Une rencontre va pousser l’intrigue. Yurlady, une élève de la classe où Oscar donne des cours, tient un journal intime riche en poèmes et en dessins. Impressionné par la jeune fille, il va l’entrainer dans un concours de poésie organisé par le fameux club. Comme il y a quelques sous à la clef, Yurlady, d’une famille très pauvre comme il y en a plein à Medellin, va se laisser faire sans grande conviction. Elle raconte à Oscar son quotidien, sa mère qui bosse et qu’elle ne voit que le week-end, ses sœurs qui, à 18 ans, ont déjà deux gamins, l’entassement de la famille dans un appartement de quartier pauvre, l’absence du père. Oscar va chez elle pour convaincre la famille. Le film se fait constat social, tout en gardant son élan de comédie, comme savaient si bien le faire les Italiens des années 60-70. Yurlady ira au concours, le gagnera et boira un peu trop dans la fête qui suit, comme Oscar qui n’a pas pu résister. Des scènes ubuesques du petit bonhomme Oscar, portant puis trainant sa protégée plutôt volumineuse, emmènent le film loin de la poésie, dans la comédie grinçante d’une réalité sociale où tout est bon pour obtenir des sous. Et le club des poètes n’est pas des plus brillants dans la situation.

Filmé dans l’urgence

Simon Mesa Soto a choisi de filmer cette histoire en 16 mm, caméra au poing. Il y a donc du grain, des tremblements, des précipitations, une sorte d’urgence comme chez Cassavates, l’un des repères de cinéma du réalisateur. Il arrive ainsi à filmer dans des espaces réduits avec beaucoup de monde sur l’image, comme la famille de Yurlady. Des moments en voiture, aussi, où Oscar est vraiment lui-même. Des gros plans de visages, beaucoup. Avec un montage étonnant, des coupures parfois violentes, brutes, son comme image. Ou bien des enchainements visuels qui glissent. Une très belle photo, pas du tout sage ni académique, mais originale, à l’instar du personnage.

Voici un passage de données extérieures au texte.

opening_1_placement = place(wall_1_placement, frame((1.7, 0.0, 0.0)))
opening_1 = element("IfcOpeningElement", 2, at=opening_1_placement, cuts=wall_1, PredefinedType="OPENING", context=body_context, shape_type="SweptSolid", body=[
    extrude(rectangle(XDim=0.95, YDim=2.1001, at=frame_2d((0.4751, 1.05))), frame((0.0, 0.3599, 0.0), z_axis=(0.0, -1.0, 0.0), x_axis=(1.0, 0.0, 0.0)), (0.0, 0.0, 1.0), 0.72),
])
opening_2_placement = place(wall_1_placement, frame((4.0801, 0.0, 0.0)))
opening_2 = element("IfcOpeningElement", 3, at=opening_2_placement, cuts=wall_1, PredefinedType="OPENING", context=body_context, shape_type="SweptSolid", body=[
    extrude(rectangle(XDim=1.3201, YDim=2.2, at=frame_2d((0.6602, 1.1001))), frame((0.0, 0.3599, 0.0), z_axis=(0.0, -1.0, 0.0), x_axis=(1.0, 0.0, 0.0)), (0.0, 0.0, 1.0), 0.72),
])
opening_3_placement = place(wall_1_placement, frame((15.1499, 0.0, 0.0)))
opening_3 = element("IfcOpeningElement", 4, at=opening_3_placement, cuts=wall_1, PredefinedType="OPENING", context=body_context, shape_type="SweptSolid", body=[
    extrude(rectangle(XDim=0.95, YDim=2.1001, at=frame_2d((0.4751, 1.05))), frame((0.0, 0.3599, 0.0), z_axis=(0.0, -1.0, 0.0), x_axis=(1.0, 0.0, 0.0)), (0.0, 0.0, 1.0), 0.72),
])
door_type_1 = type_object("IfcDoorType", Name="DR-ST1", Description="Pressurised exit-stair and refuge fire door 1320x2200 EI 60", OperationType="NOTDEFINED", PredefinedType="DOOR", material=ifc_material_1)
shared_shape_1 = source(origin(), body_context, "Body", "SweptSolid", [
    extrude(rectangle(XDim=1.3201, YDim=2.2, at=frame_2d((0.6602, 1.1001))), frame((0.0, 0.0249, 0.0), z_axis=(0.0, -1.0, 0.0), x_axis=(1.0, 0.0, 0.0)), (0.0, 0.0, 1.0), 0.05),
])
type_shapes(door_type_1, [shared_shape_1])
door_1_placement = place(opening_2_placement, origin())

La famille de Yurlady. Photo Épicentre Films.


Oscar est incarné par un non-professionnel, Ubeimar Rios, l’oncle d’un ami du réalisateur. Il est incroyablement présent, avec un visage pas facile mais profond, ne pouvant pas cacher ses émotions. Ses gros yeux disent, sa bouche porte la poésie. Il parle beaucoup, des dialogues écrits, préparés, mais les fait jaillir avec authenticité, la tête un peu penchée comme s’il réfléchissait le monde. La jeune Yurlady, Rebeca Andrade, occupe l’écran sans en faire beaucoup. C’est sa force. Et tous les autres poètes paumés sont à leur place.

Cette aventure poétique reste assez mystérieuse dans ses intentions. La poésie est-elle opposée, comme souvent, au sordide de la réalité ? Mesa Soto semble au contraire mêler les deux pour chercher une vérité des personnages. Et réussir un film à la fois léger et foutraque mais profond et totalement dominé.